Brand (member could rely on estoppel to defeat trustees’ attempt to reduce “overpaid” pension)
The member retired in 2004, aged 62, and her pension was put into payment. At the time, the parties believed 62 to be normal retirement age (NRA) under the scheme rules. However in 2011 the trustees wrote to the member, saying that they had received legal advice that under the scheme rules her NRA had in fact been 65 since 1993.
The member complained, saying that had she known her NRA was 65 she would have carried on working until then to receive an unreduced pension. All benefit statements issued to her, as well as two early retirement quotes had reflected an NRA of 62. The trustees accepted that the scheme had, until 2011, been administered on the basis that NRA for women was 60 until 1996 and 62 thereafter.
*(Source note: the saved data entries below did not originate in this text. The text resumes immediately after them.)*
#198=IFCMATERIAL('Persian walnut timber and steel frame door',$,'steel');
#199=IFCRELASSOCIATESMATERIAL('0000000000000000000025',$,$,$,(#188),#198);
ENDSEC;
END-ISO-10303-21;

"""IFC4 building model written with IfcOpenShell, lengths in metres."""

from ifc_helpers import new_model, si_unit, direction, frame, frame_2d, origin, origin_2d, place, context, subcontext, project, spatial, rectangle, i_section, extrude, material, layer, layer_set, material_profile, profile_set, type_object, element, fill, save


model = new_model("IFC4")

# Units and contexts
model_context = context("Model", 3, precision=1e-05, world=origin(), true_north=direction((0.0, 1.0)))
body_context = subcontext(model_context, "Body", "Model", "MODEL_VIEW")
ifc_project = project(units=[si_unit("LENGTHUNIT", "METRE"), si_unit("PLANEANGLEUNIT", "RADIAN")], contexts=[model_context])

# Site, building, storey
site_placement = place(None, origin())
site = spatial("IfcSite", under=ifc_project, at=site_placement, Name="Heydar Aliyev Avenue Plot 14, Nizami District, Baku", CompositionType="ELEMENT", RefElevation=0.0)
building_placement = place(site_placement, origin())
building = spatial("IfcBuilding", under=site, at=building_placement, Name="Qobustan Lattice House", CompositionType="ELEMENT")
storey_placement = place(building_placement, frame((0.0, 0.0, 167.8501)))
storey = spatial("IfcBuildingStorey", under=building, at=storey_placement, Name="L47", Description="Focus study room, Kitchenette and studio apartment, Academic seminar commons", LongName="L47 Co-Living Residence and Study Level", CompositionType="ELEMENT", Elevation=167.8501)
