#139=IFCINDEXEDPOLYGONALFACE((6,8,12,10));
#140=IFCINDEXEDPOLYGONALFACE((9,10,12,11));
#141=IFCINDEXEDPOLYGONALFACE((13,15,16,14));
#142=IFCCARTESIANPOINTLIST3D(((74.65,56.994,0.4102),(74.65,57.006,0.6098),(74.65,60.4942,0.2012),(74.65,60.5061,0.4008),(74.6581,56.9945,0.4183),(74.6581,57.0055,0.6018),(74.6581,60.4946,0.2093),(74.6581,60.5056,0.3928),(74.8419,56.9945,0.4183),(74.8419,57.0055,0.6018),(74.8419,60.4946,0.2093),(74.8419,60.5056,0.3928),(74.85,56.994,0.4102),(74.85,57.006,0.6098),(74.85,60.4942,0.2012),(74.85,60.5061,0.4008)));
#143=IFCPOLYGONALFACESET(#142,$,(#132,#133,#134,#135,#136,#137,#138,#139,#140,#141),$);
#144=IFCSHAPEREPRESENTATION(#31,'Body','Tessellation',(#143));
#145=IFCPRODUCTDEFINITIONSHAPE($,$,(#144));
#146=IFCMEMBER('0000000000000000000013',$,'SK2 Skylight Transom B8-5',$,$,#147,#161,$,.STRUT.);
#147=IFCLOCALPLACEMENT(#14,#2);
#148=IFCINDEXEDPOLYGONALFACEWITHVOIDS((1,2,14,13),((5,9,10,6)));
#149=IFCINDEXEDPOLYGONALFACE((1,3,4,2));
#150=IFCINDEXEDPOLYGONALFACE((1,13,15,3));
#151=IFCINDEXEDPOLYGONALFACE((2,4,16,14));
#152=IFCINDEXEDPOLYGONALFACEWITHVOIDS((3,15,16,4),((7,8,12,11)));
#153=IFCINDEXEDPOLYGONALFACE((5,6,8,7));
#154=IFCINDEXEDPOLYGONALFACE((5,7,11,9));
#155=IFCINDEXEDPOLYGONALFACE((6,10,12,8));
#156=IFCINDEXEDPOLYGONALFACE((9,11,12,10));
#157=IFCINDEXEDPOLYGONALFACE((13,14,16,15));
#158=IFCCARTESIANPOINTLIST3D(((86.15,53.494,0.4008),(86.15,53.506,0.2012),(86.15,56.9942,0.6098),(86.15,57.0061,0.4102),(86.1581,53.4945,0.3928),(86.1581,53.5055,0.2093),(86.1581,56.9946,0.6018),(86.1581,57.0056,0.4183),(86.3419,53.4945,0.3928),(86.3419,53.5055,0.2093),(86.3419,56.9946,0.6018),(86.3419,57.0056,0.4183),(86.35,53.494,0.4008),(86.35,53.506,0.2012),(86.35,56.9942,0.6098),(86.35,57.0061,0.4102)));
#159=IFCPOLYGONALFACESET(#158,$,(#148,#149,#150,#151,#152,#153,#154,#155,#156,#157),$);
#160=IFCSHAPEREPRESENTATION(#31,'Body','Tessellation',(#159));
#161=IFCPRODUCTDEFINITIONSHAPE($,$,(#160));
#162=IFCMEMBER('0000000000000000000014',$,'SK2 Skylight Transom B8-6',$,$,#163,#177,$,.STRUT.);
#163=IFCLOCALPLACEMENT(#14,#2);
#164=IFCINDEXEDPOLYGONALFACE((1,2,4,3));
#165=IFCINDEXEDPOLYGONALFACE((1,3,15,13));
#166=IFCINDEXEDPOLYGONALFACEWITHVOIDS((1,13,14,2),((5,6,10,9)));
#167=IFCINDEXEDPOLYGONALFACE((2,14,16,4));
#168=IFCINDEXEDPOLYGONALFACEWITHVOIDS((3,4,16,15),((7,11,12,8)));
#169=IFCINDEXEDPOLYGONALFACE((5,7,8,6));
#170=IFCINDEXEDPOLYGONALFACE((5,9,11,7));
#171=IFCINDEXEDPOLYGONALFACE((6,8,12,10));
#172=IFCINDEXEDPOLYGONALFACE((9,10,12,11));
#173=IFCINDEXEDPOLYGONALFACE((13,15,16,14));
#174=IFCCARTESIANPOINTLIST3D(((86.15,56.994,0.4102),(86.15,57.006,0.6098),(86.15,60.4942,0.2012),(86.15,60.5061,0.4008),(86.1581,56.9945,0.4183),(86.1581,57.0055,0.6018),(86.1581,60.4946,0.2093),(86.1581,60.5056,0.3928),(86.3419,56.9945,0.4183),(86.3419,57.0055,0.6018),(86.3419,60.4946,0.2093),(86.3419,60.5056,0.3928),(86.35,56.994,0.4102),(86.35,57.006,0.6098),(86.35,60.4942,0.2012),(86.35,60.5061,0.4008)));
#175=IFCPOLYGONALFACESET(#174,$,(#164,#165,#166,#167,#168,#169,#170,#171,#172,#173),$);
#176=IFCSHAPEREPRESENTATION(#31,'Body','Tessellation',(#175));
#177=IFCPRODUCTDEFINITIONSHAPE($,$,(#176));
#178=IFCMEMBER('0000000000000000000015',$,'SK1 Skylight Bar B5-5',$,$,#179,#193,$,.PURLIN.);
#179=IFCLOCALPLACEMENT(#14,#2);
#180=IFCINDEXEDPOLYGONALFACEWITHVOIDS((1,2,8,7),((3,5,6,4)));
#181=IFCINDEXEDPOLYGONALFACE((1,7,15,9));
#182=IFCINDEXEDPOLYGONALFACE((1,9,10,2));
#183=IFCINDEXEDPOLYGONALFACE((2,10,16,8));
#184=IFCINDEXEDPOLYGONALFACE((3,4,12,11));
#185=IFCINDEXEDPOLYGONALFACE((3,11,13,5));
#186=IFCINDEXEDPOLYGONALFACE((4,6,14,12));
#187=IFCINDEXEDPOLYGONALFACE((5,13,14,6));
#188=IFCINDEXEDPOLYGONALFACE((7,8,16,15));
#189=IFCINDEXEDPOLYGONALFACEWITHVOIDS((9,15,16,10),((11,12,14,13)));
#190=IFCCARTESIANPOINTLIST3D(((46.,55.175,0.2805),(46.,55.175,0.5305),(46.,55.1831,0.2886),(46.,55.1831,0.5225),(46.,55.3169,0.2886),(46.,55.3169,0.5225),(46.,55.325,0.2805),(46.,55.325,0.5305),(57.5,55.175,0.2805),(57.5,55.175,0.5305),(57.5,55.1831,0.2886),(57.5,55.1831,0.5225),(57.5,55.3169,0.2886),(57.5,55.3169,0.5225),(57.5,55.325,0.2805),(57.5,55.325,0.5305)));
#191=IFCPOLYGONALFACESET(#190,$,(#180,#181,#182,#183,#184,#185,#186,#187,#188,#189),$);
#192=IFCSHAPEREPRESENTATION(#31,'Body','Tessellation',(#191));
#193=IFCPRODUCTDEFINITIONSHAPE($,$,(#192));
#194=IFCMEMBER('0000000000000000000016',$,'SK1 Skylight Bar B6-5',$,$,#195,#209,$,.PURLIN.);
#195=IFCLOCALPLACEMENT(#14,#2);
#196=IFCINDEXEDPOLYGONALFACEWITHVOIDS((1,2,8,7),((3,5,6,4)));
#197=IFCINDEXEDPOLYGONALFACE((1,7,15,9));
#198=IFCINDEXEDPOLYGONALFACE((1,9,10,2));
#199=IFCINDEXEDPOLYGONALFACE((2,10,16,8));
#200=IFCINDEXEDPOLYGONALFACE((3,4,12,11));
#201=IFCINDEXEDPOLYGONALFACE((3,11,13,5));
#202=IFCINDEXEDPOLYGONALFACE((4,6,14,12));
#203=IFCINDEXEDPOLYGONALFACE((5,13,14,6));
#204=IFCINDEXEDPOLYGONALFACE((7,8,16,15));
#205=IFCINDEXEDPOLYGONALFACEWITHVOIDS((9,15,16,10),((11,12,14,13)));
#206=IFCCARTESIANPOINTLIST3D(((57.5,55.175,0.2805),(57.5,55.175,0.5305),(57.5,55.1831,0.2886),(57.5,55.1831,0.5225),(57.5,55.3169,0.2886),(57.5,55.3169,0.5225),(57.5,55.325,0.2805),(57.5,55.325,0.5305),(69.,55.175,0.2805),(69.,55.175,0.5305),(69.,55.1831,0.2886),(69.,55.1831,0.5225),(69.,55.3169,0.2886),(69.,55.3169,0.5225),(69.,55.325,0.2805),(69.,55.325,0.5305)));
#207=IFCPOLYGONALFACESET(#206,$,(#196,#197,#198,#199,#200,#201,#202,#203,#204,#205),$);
The Deputy Pensions Ombudsman said that she did not need to decide what the correct NRA was because “representations were made to Mrs Brand by the Trustee over a considerable period which she had no reason to doubt and on which it was reasonably foreseeable that she would rely.” The scheme booklet and benefit statements amounted to “clear unequivocal representations” of the NRA of 60/62.
To succeed in an estoppel claim the member did not need to show what she would have done but merely that the representation was a significant factor which she took into account. It was more likely that not that the representations made as to NRA were a significant factor that the member took into account in making her retirement plans. It would be unconscionable to allow the trustees to go back on those representations. The trustees were directed to provide a pension based on NRA of age 60 until 1996 and 62 thereafter.
Changes to the Takeover Code for trustees
From 20 May 2013, trustees of schemes with defined benefit members have new information and disclosure rights about a bidder’s plans for the scheme. The rights will apply to all takeover bids governed by the UK Takeover Code and regardless of scheme size or where the scheme is based.
The bidder will have to include a statement in the offer document of its intentions with regard to employer contributions to the target’s scheme (including the funding of any scheme deficit), the accrual of benefits for existing members, and the admission of new members. The bidder will be held to any statement for 12 months, unless there is a material change of circumstances. Trustees can also require the target to publicise their opinion on how the offer will affect the scheme to its shareholders.
The changes bring the treatment of trustees under the Code broadly into line with employee representatives. They need to be borne in mind by both employers and trustees in listed takeover scenarios.